Marietta Committee Discusses Legislation that Could Prevent Blight
Industry Update
July 12, 2023
Source: wtap.com
Blight has been a major topic of conversation in Marietta. The city’s Planning, Zoning, Annexation, and Housing Committee is developing legislation its chair believes could help prevent it.
WTAP spoke with Geoff Schenkel, the chair who’s spearheading the legislation, to take a deeper look.
Vacant properties left to deteriorate have a deeper effect on the community than being an eyesore.

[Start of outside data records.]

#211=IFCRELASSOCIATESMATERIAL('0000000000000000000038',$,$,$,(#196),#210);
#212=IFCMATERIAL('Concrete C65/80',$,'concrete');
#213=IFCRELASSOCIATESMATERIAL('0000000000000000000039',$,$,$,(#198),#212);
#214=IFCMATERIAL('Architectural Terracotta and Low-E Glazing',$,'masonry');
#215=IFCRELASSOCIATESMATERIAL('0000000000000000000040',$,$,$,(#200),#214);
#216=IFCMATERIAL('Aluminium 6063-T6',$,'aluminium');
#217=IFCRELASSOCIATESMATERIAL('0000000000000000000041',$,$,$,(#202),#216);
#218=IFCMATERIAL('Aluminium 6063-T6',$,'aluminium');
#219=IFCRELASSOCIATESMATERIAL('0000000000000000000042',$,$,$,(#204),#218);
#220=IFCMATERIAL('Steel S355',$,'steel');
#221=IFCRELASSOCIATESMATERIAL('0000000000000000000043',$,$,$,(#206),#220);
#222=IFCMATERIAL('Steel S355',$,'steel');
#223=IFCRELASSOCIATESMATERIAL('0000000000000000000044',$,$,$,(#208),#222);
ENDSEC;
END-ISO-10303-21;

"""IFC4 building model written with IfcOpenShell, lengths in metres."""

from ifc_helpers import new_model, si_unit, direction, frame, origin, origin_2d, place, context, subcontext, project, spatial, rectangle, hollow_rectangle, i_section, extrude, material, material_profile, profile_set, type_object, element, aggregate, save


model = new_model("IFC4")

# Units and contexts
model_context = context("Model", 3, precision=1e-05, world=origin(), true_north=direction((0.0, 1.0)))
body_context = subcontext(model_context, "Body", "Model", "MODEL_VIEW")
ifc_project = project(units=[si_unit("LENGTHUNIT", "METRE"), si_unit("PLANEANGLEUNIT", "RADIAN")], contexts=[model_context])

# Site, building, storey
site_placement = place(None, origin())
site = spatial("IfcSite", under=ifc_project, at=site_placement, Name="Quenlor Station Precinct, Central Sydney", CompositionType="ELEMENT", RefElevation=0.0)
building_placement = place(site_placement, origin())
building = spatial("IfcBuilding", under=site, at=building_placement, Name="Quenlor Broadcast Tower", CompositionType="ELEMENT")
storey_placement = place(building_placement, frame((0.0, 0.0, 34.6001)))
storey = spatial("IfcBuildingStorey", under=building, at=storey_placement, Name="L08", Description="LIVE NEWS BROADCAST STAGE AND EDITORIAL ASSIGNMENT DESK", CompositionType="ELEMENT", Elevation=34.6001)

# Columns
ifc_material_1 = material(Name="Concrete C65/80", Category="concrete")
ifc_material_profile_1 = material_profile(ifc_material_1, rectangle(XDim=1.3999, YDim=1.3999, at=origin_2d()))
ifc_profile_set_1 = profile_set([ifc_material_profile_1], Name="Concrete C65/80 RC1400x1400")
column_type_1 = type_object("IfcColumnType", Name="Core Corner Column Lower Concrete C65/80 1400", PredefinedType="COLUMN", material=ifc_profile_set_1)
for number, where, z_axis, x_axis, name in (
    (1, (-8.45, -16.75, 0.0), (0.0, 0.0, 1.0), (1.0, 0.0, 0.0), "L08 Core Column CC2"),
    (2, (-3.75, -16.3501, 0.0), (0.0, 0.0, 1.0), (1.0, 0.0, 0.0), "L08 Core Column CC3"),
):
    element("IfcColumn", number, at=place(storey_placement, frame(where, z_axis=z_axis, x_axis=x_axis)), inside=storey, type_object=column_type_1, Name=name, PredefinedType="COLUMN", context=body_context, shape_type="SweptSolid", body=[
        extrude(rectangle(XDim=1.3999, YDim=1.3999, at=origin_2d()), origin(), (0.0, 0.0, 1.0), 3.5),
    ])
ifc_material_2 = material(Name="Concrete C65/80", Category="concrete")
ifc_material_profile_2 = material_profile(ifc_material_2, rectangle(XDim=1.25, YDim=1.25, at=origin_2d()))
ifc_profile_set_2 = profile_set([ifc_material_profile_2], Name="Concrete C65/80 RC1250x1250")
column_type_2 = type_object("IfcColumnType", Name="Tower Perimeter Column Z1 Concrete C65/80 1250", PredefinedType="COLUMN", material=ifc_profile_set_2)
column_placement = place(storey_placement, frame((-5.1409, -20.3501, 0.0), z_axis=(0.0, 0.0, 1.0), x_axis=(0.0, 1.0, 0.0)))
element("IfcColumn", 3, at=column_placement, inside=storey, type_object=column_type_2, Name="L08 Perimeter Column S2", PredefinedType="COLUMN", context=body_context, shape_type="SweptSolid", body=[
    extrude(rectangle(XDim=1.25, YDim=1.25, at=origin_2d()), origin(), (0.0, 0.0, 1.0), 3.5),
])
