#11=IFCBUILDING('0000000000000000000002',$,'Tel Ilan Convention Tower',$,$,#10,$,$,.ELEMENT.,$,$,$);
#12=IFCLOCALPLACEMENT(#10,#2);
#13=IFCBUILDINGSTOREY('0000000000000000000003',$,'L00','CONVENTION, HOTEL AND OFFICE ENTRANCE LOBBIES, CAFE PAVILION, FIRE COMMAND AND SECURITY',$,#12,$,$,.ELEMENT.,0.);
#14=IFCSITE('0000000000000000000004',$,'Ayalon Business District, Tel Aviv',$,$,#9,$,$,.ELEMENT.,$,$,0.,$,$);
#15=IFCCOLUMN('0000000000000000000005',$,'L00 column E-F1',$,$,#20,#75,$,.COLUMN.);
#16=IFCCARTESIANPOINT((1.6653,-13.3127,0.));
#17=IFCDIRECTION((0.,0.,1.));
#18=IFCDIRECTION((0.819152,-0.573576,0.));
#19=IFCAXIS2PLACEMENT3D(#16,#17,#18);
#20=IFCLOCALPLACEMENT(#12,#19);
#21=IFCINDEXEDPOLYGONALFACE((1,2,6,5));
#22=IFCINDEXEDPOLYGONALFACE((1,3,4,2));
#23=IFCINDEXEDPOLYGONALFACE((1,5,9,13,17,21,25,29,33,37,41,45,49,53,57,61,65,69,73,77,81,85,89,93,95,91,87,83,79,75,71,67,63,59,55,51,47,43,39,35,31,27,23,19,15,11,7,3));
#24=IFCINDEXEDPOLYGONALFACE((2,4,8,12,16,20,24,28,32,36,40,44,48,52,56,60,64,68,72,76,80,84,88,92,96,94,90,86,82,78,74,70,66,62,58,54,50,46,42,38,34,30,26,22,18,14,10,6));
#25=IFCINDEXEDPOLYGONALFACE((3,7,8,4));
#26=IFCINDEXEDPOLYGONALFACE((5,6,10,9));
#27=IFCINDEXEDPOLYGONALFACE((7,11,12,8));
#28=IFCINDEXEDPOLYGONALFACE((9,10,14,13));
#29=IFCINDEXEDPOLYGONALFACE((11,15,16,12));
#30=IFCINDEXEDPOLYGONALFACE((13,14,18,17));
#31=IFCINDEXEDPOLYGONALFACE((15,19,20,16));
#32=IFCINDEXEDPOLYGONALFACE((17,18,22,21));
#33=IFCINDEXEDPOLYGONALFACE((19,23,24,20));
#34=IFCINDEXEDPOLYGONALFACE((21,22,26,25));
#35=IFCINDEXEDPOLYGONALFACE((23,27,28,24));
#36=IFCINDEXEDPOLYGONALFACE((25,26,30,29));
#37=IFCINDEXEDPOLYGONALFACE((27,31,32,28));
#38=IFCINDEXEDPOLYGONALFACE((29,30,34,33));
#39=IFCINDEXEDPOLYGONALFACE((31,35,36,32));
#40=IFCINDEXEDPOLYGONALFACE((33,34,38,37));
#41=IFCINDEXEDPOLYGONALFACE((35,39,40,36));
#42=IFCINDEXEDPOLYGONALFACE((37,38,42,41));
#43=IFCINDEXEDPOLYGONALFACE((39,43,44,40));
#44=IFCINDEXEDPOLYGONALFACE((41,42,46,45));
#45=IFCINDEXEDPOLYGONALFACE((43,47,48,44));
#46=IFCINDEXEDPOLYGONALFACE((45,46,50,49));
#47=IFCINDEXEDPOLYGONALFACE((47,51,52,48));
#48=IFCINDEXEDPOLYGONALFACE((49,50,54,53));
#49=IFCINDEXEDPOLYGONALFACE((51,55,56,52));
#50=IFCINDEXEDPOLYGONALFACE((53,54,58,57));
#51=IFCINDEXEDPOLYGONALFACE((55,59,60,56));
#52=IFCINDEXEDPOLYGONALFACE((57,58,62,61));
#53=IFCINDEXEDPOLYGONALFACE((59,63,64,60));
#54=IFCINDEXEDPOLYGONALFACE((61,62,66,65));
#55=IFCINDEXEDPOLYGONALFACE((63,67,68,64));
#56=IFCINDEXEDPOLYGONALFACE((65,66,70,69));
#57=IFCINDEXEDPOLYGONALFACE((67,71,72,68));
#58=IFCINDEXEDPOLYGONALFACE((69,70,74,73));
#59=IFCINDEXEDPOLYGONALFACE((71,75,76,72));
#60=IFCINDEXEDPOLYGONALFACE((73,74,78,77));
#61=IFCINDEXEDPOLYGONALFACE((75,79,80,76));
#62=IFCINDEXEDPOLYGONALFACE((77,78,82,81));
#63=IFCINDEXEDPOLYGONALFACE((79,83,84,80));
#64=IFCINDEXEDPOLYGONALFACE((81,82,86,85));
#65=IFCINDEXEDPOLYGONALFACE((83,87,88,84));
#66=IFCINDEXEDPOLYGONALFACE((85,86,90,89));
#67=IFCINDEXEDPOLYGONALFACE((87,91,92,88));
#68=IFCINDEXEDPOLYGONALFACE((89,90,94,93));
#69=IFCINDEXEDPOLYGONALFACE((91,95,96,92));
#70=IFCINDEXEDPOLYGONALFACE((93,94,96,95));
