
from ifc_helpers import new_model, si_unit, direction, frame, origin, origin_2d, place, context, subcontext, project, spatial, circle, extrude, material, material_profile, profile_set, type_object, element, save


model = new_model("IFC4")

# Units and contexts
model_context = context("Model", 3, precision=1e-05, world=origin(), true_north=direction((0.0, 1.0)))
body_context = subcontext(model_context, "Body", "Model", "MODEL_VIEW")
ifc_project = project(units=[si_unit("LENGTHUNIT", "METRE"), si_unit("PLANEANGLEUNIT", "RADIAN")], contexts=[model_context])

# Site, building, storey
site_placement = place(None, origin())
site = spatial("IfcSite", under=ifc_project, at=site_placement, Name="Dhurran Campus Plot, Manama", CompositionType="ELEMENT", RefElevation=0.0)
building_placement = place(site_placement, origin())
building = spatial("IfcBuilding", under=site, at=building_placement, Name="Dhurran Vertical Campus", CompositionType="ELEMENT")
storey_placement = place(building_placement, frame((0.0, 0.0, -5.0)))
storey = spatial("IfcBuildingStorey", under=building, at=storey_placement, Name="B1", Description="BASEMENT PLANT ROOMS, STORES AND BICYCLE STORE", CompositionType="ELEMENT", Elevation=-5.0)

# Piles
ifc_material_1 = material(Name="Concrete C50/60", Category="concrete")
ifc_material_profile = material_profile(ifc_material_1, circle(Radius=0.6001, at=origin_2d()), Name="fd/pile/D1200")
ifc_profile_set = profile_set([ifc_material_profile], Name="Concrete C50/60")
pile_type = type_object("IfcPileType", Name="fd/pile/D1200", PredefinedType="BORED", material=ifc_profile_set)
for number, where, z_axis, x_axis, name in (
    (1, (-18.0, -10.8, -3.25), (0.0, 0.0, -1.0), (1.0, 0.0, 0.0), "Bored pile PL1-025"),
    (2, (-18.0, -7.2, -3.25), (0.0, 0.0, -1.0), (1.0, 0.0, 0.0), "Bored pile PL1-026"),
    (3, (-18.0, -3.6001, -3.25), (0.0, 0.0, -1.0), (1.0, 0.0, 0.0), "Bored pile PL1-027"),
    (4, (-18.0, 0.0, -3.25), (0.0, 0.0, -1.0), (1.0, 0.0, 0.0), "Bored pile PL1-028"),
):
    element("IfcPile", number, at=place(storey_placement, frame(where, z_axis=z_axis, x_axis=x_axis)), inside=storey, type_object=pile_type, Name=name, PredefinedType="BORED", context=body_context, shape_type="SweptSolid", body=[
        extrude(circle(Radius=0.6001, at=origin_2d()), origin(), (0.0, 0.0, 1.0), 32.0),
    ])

“When they sit vacant, it becomes an easy place for people to hide – hide because you’re trying to do a drug deal or hide because you need a place out of easy viewing to go shoot up. It’s also a place where child predators can pull a child aside…,” he explained, adding that it can also be a fire hazard. People can accidentally set fire to a building in an attempt to stay warm in the dead of winter. That fire can then spread to neighboring homes.
It’s something Schenkel hopes to prevent with new zoning legislation.

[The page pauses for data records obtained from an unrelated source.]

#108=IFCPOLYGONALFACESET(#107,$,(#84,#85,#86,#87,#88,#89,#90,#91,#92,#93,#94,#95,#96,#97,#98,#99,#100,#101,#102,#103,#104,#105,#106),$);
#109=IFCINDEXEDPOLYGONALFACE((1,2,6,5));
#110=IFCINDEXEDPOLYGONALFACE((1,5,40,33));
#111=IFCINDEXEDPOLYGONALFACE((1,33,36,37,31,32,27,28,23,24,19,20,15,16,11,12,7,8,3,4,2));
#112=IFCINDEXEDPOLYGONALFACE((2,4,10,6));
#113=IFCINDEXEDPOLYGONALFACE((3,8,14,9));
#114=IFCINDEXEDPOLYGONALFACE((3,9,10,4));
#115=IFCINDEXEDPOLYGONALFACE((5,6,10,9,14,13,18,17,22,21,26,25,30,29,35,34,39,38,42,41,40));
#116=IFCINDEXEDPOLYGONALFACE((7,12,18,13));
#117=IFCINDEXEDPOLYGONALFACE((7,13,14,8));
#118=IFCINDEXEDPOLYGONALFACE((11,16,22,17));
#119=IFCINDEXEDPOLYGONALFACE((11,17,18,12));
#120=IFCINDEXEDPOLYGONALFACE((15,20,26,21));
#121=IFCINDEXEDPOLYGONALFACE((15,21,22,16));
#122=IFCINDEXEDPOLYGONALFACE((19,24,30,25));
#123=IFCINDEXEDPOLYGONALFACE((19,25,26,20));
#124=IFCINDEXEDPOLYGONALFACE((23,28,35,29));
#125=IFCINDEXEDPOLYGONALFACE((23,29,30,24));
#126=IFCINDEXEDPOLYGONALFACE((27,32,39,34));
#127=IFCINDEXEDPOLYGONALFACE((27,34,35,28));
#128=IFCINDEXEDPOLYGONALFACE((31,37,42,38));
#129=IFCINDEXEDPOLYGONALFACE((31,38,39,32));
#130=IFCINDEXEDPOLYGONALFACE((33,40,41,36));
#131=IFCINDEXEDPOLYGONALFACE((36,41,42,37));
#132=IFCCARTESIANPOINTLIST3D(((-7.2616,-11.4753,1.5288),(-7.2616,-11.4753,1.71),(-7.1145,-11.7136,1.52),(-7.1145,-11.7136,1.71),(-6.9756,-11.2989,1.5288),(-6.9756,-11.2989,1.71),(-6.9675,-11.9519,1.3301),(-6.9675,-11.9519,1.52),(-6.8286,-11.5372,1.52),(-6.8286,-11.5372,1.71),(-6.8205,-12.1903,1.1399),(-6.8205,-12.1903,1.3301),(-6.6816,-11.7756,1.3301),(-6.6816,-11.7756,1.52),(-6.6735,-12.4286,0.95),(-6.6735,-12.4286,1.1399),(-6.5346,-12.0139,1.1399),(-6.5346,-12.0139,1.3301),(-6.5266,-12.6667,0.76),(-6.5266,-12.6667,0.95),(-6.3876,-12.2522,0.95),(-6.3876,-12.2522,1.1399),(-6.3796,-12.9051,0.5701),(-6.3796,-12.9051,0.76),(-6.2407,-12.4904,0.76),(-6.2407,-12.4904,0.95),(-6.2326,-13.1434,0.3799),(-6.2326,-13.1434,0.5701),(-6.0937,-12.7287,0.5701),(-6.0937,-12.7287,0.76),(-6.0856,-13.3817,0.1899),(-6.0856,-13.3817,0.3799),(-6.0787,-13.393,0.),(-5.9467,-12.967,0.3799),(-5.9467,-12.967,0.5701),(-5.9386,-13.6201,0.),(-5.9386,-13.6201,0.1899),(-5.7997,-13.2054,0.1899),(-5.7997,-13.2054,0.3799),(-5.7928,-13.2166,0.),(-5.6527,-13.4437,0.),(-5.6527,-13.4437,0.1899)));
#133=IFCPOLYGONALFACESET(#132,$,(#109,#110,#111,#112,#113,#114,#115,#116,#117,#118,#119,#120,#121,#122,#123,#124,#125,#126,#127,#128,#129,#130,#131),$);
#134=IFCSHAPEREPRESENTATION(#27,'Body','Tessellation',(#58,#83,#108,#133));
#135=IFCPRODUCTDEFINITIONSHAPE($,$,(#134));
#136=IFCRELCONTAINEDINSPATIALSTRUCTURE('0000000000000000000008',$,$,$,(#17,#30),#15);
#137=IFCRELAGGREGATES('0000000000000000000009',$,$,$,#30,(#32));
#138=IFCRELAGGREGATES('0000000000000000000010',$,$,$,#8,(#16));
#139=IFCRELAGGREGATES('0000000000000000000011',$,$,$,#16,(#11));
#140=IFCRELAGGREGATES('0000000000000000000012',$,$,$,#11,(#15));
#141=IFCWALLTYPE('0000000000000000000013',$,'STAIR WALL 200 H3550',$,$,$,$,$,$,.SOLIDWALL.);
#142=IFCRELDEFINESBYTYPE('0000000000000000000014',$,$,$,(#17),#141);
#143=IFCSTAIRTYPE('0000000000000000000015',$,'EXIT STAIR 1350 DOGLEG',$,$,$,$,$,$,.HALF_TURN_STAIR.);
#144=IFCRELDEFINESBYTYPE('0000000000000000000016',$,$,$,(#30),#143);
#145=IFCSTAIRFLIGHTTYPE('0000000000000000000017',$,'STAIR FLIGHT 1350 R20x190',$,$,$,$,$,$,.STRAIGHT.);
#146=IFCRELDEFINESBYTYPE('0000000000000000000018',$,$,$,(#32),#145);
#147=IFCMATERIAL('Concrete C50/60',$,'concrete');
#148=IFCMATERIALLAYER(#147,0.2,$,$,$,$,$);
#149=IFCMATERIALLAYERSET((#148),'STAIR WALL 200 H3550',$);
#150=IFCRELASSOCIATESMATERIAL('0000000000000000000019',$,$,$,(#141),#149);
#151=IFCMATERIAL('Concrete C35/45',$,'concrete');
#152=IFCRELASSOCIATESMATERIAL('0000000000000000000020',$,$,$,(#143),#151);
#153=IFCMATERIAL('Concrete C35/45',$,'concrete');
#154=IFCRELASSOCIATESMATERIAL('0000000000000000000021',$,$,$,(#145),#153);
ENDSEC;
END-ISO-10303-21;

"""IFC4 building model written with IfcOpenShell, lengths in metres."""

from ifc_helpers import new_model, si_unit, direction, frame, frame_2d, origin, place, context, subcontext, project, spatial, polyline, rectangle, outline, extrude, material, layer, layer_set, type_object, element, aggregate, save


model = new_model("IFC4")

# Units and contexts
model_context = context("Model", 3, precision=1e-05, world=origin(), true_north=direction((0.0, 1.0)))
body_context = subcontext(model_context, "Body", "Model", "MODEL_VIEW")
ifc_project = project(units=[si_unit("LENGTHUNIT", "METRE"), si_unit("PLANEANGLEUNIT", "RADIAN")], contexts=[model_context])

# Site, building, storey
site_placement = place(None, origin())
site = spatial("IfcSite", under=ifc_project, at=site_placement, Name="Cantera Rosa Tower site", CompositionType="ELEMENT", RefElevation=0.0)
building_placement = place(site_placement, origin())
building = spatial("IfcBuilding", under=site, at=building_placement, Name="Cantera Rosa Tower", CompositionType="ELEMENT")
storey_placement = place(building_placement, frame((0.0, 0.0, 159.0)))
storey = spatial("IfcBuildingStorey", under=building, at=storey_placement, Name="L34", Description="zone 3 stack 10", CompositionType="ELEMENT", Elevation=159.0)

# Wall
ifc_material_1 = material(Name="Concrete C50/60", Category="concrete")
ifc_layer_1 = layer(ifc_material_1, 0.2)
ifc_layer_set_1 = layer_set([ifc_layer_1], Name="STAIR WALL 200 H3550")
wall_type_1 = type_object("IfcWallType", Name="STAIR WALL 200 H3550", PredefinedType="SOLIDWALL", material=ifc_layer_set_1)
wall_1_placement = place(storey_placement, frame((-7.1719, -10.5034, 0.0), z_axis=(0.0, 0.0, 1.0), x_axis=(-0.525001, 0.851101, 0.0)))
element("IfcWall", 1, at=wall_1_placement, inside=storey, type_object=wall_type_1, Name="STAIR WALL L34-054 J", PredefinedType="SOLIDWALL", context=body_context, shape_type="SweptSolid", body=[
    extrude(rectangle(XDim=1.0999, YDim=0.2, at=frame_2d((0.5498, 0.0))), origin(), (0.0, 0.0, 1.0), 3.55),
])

“The zoning we were discussing tonight increases the likelihood that a building will be returned to productive use….put to use sooner and sit vacant less,” he said, adding that speeding up that process also prevents blight.

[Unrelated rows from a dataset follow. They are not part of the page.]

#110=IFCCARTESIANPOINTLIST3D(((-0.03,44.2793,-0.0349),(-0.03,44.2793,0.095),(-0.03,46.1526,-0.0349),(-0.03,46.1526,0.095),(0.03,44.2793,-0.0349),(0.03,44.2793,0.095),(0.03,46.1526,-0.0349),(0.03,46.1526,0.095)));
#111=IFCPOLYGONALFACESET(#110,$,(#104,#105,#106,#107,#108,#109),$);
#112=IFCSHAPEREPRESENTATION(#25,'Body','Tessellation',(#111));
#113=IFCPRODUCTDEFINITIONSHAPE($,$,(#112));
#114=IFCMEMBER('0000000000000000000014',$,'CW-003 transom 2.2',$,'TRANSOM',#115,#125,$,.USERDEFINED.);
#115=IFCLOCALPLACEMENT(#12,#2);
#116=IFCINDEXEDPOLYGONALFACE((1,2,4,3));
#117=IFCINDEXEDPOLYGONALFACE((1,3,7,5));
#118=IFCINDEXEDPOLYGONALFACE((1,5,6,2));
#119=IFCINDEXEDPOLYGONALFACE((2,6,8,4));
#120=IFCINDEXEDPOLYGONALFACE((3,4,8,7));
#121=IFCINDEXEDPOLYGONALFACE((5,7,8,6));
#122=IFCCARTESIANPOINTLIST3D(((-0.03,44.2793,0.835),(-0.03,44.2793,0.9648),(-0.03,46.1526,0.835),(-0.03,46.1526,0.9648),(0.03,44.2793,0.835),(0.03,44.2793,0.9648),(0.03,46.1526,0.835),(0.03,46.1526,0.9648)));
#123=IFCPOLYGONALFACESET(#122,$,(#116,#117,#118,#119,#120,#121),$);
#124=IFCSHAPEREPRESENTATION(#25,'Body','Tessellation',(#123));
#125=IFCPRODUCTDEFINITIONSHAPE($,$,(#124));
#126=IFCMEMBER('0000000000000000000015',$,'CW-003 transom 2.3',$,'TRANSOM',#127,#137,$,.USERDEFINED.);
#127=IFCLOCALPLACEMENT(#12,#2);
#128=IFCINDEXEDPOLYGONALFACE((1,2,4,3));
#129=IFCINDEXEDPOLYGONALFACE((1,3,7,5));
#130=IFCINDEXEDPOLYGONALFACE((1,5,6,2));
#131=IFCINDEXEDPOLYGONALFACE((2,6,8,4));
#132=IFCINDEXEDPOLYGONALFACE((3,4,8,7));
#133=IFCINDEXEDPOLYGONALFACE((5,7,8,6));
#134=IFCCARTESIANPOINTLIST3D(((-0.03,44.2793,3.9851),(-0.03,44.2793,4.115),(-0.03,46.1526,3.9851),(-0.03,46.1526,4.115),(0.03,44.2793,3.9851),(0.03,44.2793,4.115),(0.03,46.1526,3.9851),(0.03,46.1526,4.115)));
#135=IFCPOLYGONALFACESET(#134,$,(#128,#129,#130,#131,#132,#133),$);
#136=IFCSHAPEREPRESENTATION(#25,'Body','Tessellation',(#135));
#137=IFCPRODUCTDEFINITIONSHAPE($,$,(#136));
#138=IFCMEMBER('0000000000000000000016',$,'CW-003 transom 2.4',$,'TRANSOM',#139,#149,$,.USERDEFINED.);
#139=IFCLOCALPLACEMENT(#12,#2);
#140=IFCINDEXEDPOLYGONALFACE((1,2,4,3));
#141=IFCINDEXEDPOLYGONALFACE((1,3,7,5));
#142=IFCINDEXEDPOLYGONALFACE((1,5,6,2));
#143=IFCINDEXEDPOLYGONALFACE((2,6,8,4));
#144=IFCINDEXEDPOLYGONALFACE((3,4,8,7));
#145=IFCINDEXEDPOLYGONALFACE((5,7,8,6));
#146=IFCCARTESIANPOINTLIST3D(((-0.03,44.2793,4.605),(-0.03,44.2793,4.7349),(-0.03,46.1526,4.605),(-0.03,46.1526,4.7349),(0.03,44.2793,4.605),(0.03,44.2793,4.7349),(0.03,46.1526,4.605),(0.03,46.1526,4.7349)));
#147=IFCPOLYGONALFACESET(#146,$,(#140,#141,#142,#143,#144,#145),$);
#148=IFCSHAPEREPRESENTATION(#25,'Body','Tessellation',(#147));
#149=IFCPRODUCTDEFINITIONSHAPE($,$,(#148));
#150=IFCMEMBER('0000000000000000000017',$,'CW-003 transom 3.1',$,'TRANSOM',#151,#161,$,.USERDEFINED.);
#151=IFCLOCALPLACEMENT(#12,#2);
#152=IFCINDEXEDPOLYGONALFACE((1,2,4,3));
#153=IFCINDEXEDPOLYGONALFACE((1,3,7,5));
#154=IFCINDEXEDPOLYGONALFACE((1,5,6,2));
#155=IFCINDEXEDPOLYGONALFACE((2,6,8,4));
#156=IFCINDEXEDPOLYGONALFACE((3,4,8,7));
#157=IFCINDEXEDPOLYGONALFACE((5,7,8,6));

The legislation would create zoning for interior enclosed self-storage. Due to a lack of zoning, Schenkel says this currently isn’t allowed.
Think about the buildings you drive by that house multiple storage units. Now think about those storage units inside a building. That’s what it is.
Schenkel said it would prevent large corporate buildings from becoming blighted.
“They’re designed so much for their particular use – like a Lowe’s or a Walmart that it’s not easily adaptively reused into other things so self storage becomes a good option,” he explained.
Officials also discussed specifying the legislation towards climate-controlled storage. Schenkel explained that it’s the selling point of why people use interior storage units rather than exterior storage units.
There are multiple steps ahead as the legislation has not yet been presented to city council. Officials plan to bring it to the next city council meeting so that they can make a motion to move it into the planning commission’s hand.